Practice & experience: The importance of space/time tuning

The constraints mentioned above are just part of the story. To be effective and efficient, the random program generator should be space/time tuned, for example: Testing a small array for an unsigned index wrap-around case is effective as checking a big array and is far less consuming in time and space. Thus: elements like the maximum size of a randomly generated array, maximum number of elements in a structure, or the maximum depth of an expression should all be configurable via a configuration file.

Results (in terms of detected bugs per unit of testing time) can change dramatically by fine tuning of these space/time constraint parameters. The general guideline is: strive to use constraints that will create the smallest/simplest case to exhibit the problem.

Some golden rules:

  • Don't generate big data structures.
  • Don't generate big programs, loops, or routines
  • For every possible range of values, use some bias towards extremum and "interesting" values (MAXINT, 1, 0, -1, last index of an array) as opposed to a uniform distribution of values.
  • Think hard about the constraints, let the random generator do the rest
  • For every generated program, run it against as many cases as possible (e.g. many possible compiler options) to amortize the generation overhead, and leverage the reference results over many test cases.

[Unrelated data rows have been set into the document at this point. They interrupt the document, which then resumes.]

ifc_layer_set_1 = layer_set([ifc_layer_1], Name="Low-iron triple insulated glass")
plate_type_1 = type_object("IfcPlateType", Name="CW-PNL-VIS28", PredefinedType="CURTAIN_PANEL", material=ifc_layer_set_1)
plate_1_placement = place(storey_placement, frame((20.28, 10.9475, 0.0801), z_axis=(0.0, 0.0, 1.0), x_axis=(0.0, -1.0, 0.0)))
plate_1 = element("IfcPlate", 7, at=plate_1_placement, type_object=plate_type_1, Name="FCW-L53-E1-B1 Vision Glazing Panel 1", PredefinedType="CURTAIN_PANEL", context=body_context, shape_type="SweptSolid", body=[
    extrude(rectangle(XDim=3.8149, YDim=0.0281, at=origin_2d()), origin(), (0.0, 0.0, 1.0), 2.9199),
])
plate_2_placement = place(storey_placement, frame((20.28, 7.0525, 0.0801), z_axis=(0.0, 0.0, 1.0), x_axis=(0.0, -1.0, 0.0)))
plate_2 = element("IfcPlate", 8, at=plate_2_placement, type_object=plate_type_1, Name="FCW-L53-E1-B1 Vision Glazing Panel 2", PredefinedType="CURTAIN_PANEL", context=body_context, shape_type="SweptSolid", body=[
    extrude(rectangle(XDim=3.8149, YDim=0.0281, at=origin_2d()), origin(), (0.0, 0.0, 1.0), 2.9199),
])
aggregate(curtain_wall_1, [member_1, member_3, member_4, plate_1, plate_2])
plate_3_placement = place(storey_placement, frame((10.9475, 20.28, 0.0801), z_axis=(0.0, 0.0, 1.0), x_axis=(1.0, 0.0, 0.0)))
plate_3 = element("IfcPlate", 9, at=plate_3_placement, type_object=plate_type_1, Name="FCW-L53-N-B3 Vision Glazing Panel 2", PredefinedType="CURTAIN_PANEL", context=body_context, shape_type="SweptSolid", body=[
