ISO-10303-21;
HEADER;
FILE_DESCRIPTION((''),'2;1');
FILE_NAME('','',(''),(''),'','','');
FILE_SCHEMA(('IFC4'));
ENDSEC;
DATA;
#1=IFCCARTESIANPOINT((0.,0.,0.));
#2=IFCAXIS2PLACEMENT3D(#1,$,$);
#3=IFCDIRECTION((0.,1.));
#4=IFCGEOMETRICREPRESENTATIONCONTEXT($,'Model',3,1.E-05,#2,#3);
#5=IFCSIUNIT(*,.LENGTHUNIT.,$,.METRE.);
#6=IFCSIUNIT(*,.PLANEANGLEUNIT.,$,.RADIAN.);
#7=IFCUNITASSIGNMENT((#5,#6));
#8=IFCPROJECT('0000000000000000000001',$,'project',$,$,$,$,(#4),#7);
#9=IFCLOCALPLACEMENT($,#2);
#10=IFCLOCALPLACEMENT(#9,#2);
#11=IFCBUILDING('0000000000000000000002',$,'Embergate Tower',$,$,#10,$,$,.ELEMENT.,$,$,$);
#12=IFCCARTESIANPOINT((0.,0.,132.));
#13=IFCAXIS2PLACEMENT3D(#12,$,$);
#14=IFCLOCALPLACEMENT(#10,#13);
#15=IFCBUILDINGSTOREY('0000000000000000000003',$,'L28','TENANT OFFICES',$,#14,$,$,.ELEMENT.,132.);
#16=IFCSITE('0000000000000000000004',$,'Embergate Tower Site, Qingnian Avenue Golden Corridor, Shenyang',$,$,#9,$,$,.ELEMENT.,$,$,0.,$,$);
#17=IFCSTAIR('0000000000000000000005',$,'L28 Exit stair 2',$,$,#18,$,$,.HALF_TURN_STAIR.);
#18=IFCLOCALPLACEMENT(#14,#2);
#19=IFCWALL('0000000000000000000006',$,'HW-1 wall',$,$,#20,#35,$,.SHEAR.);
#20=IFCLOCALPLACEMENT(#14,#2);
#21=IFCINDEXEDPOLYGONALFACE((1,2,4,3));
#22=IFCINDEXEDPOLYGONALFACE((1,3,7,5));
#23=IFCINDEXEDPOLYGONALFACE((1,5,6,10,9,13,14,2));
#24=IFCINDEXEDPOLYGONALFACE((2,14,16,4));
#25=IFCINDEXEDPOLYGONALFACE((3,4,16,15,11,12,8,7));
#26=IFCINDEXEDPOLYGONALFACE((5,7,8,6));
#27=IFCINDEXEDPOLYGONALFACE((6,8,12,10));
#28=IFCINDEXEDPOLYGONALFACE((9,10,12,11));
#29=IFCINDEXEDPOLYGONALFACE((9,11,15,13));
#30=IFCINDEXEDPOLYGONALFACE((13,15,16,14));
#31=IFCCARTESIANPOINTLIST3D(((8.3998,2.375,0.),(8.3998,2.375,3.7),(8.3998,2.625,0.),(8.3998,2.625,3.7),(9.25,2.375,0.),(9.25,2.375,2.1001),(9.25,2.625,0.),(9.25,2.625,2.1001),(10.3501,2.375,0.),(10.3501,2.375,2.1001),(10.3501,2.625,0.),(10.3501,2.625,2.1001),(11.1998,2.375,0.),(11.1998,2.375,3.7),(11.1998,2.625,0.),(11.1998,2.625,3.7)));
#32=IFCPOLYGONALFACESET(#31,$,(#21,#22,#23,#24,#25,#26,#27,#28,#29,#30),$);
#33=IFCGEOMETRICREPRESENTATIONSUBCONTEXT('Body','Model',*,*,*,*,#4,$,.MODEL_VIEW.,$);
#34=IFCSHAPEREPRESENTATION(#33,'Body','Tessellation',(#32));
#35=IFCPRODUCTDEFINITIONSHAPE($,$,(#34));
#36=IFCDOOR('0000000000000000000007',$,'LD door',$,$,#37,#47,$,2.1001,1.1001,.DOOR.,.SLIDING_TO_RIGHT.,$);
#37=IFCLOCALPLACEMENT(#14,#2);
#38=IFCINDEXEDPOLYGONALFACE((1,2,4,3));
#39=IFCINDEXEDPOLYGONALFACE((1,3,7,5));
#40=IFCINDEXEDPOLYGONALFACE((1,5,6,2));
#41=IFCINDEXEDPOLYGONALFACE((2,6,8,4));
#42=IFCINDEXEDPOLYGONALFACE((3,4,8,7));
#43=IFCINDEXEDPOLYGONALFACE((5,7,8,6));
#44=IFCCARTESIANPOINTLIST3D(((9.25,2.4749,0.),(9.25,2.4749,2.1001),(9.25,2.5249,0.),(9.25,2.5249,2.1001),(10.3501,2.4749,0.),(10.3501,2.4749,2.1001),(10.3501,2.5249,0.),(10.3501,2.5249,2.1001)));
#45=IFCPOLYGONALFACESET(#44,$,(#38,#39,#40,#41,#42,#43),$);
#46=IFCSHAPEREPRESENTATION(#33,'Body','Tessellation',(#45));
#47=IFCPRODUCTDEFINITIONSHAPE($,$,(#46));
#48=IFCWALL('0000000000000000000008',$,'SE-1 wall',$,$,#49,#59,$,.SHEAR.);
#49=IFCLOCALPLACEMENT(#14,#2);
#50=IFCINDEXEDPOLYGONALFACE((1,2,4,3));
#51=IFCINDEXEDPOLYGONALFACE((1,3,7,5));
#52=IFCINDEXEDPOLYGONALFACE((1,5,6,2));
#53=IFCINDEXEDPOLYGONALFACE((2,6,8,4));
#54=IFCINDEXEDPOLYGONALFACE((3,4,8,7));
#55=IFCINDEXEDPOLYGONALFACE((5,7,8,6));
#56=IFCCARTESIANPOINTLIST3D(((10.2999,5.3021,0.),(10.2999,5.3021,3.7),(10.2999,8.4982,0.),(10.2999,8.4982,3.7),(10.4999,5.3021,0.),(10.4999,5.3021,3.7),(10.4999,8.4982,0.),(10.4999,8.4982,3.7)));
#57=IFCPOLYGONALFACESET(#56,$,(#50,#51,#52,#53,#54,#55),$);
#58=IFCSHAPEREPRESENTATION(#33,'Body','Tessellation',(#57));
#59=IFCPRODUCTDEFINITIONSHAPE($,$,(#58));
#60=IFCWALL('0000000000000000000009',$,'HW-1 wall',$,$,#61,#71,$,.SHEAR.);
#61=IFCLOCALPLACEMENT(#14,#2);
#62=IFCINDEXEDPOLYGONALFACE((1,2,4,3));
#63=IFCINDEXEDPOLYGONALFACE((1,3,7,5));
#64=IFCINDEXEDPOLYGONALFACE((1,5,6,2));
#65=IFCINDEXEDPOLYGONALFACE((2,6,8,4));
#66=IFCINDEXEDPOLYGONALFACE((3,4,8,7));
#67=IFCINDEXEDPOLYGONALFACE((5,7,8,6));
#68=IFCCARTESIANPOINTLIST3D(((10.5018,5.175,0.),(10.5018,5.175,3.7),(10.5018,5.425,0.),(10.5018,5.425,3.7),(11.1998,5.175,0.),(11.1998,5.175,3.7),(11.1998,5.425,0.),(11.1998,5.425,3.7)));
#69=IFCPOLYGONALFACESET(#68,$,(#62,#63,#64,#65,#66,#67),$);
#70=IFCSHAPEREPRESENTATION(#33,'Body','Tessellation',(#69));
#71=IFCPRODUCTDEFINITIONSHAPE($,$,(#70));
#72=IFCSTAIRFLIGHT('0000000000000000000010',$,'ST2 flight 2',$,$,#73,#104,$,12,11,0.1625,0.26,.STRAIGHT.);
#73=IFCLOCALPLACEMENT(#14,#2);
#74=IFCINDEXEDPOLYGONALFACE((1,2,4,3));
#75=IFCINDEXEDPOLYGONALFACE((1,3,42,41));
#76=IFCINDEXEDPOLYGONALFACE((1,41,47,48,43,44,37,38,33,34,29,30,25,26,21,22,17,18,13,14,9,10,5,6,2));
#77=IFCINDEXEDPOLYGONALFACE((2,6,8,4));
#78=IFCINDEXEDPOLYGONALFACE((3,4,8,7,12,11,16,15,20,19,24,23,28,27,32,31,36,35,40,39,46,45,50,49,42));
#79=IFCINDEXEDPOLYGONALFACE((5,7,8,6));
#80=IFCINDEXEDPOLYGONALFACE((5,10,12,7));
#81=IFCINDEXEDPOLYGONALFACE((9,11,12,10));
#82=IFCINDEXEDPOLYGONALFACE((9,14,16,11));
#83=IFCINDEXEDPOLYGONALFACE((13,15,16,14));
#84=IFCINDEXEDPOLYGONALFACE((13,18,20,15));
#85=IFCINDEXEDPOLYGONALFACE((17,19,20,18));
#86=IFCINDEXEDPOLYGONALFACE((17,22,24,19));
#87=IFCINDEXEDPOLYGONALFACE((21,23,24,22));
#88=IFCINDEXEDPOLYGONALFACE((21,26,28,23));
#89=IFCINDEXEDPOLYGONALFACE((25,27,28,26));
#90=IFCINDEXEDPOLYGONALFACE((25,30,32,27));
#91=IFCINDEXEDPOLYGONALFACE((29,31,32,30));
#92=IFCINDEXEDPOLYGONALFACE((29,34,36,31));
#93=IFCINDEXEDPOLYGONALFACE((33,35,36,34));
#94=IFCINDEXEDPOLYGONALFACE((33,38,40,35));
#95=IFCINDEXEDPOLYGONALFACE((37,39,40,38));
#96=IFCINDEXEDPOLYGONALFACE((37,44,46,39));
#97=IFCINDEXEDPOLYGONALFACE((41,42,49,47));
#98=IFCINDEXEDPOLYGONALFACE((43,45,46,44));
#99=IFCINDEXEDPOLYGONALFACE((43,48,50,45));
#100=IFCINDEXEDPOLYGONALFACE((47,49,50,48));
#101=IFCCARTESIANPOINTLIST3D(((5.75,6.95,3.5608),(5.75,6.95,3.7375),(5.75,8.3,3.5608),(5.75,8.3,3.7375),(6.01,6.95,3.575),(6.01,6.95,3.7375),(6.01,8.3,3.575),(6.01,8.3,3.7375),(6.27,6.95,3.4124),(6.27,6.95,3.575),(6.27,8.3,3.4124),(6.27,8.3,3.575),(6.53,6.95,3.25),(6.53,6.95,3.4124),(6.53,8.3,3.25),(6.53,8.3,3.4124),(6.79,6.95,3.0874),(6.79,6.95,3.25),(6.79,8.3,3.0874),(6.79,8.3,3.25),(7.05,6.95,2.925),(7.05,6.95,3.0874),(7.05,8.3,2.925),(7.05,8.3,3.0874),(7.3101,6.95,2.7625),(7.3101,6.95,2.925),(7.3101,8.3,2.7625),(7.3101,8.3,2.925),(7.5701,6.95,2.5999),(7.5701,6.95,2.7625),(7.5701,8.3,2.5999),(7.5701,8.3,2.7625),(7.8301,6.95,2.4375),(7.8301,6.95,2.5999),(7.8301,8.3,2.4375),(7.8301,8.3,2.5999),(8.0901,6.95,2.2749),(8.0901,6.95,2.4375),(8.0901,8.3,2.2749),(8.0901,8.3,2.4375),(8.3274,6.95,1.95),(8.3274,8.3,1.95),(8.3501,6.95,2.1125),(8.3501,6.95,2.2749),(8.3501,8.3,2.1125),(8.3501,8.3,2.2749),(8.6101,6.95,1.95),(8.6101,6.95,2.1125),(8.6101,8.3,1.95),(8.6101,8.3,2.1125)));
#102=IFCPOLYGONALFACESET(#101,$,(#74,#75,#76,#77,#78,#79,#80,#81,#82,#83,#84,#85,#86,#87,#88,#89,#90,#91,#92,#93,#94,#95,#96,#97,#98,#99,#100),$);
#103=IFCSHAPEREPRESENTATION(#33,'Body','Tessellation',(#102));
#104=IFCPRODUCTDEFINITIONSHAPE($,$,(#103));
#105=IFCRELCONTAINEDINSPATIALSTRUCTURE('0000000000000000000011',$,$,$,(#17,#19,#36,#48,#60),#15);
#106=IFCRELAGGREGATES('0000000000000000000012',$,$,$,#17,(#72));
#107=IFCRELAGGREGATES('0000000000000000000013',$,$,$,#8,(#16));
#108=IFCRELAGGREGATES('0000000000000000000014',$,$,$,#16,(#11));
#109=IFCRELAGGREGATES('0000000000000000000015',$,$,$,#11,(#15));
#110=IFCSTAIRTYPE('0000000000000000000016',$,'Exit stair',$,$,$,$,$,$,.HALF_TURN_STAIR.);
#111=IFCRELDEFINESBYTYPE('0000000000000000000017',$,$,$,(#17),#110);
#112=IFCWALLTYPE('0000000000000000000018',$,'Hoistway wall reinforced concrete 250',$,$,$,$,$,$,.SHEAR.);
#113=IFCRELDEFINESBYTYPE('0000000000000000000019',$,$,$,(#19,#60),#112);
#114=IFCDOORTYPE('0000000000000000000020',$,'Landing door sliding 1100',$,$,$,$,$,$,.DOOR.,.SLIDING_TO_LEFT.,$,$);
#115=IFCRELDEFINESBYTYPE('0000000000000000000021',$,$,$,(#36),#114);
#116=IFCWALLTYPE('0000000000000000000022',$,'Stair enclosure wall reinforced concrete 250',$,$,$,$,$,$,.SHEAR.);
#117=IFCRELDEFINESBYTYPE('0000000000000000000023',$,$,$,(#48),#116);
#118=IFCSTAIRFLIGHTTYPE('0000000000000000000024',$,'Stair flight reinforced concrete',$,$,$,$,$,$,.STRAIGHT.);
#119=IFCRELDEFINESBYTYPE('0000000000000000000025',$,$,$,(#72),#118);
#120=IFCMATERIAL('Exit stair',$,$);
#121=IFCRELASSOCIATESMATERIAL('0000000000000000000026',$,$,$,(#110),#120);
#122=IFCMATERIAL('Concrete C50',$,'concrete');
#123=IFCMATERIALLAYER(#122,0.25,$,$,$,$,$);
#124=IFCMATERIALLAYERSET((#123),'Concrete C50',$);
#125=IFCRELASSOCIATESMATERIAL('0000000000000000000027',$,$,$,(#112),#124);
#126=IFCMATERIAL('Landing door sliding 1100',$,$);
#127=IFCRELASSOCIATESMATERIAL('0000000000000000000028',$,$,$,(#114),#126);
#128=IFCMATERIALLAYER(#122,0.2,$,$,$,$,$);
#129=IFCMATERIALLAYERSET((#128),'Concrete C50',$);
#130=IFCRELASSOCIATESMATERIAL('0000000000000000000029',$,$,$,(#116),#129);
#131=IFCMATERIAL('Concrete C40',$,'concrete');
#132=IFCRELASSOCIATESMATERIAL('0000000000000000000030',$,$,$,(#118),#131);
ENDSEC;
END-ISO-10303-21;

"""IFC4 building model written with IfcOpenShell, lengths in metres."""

from ifc_helpers import new_model, si_unit, direction, frame, frame_2d, origin, place, context, subcontext, project, spatial, polyline, rectangle, outline, extrude, source, transform, mapped, material, layer, layer_set, type_object, element, fill, aggregate, save


model = new_model("IFC4")

# Units and contexts
model_context = context("Model", 3, precision=1e-05, world=origin(), true_north=direction((0.0, 1.0)))
body_context = subcontext(model_context, "Body", "Model", "MODEL_VIEW")
ifc_project = project(units=[si_unit("LENGTHUNIT", "METRE"), si_unit("PLANEANGLEUNIT", "RADIAN")], contexts=[model_context])

# Site, building, storey
site_placement = place(None, origin())
site = spatial("IfcSite", under=ifc_project, at=site_placement, Name="Embergate Tower Site, Qingnian Avenue Golden Corridor, Shenyang", CompositionType="ELEMENT", RefElevation=0.0)
building_placement = place(site_placement, origin())
building = spatial("IfcBuilding", under=site, at=building_placement, Name="Embergate Tower", CompositionType="ELEMENT")
storey_placement = place(building_placement, frame((0.0, 0.0, 132.0)))
storey = spatial("IfcBuildingStorey", under=building, at=storey_placement, Name="L28", Description="TENANT OFFICES", CompositionType="ELEMENT", Elevation=132.0)

# Stair
ifc_material_1 = material(Name="Exit stair")
stair_type = type_object("IfcStairType", Name="Exit stair", PredefinedType="HALF_TURN_STAIR", material=ifc_material_1)
stair_placement = place(storey_placement, origin())
stair = element("IfcStair", 1, at=stair_placement, inside=storey, type_object=stair_type, Name="L28 Exit stair 2", PredefinedType="HALF_TURN_STAIR")
ifc_material_2 = material(Name="Concrete C40", Category="concrete")

# Shared definitions
ifc_material_3 = material(Name="Concrete C50", Category="concrete")
ifc_layer_1 = layer(ifc_material_3, 0.25)
ifc_layer_set_1 = layer_set([ifc_layer_1], Name="Concrete C50")
wall_type_1 = type_object("IfcWallType", Name="Hoistway wall reinforced concrete 250", PredefinedType="SHEAR", material=ifc_layer_set_1)

# Shared definitions
shared_shape_1 = source(origin(), body_context, "Body", "SweptSolid", [
    extrude(rectangle(XDim=1.1001, YDim=2.1001, at=frame_2d((0.55, 1.05))), frame((0.0, 0.135, 0.0), z_axis=(0.0, -1.0, 0.0), x_axis=(1.0, 0.0, 0.0)), (0.0, 0.0, 1.0), 0.27),
])
ifc_material_4 = material(Name="Landing door sliding 1100")
door_type_1 = type_object("IfcDoorType", Name="Landing door sliding 1100", OperationType="SLIDING_TO_LEFT", PredefinedType="DOOR", material=ifc_material_4)
shared_shape_2 = source(origin(), body_context, "Body", "SweptSolid", [
    extrude(rectangle(XDim=1.1001, YDim=2.1001, at=frame_2d((0.55, 1.05))), frame((0.0, 0.0249, 0.0), z_axis=(0.0, -1.0, 0.0), x_axis=(1.0, 0.0, 0.0)), (0.0, 0.0, 1.0), 0.05),
])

From my experience, all compiler bugs can be narrowed down and reproduced in a very small example. Come to think of it, This is exactly what makes random testing of compilers work so well. Also, the smaller the example, the easier it is to investigate and fix. This is where tuning pays big: if you can generate 100,000 tiny programs per night you'll be much more effective covering the compiler and fixing the bugs than if you generate 1000 larger programs per night.


More Advice

Start with simple expressions, including all types and all possible cast and type conversions, these are easy to test and are a first step in a CRT implementation that is natural to start with and build upon.

Pick a very good random number generator. If you don't and if you don't have much variability in the types of nodes that you randomly generate, your programs will tend to find the same bug multiple times. There are practical ways to minimize this: like changing the configuration parameters once a bug is found (and until the bug is fixed) but this requires further resources and effort.

Generate random C rather than random IR. You cannot compile proprietary formats with a reference compiler (not the one you're testing). You also get to test the language front ends in addition to the back end.

It may be easier to generate IR and upwardly generate high-level constructs from it. This is certainly a sensible strategy, especially in case the mapping between IR and C is one to one. even if not, this will enable testing Fortran with almost no additional effort (since we already have these "reverse compilers").

Generating test cases, running them, and comparing results normally take less time than many compilation with many options, so pick compilation cases that are as different as possible of each other to get better coverage. Also: try to combine several compilation options with each run (i.e. many optimizations together, vs. a vanilla compilation) to achieve good coverage of the compiler in as few compilations as possible.

Jumbo tip: An excellent way of tuning the constraints and the random program generator is to basic-block profile the compiler itself and see what parts of source code are not being exercised by the randomly generated programs. Then, tune the random generator a bit more. In other words, inject some white-box style testing into the random black-box approach.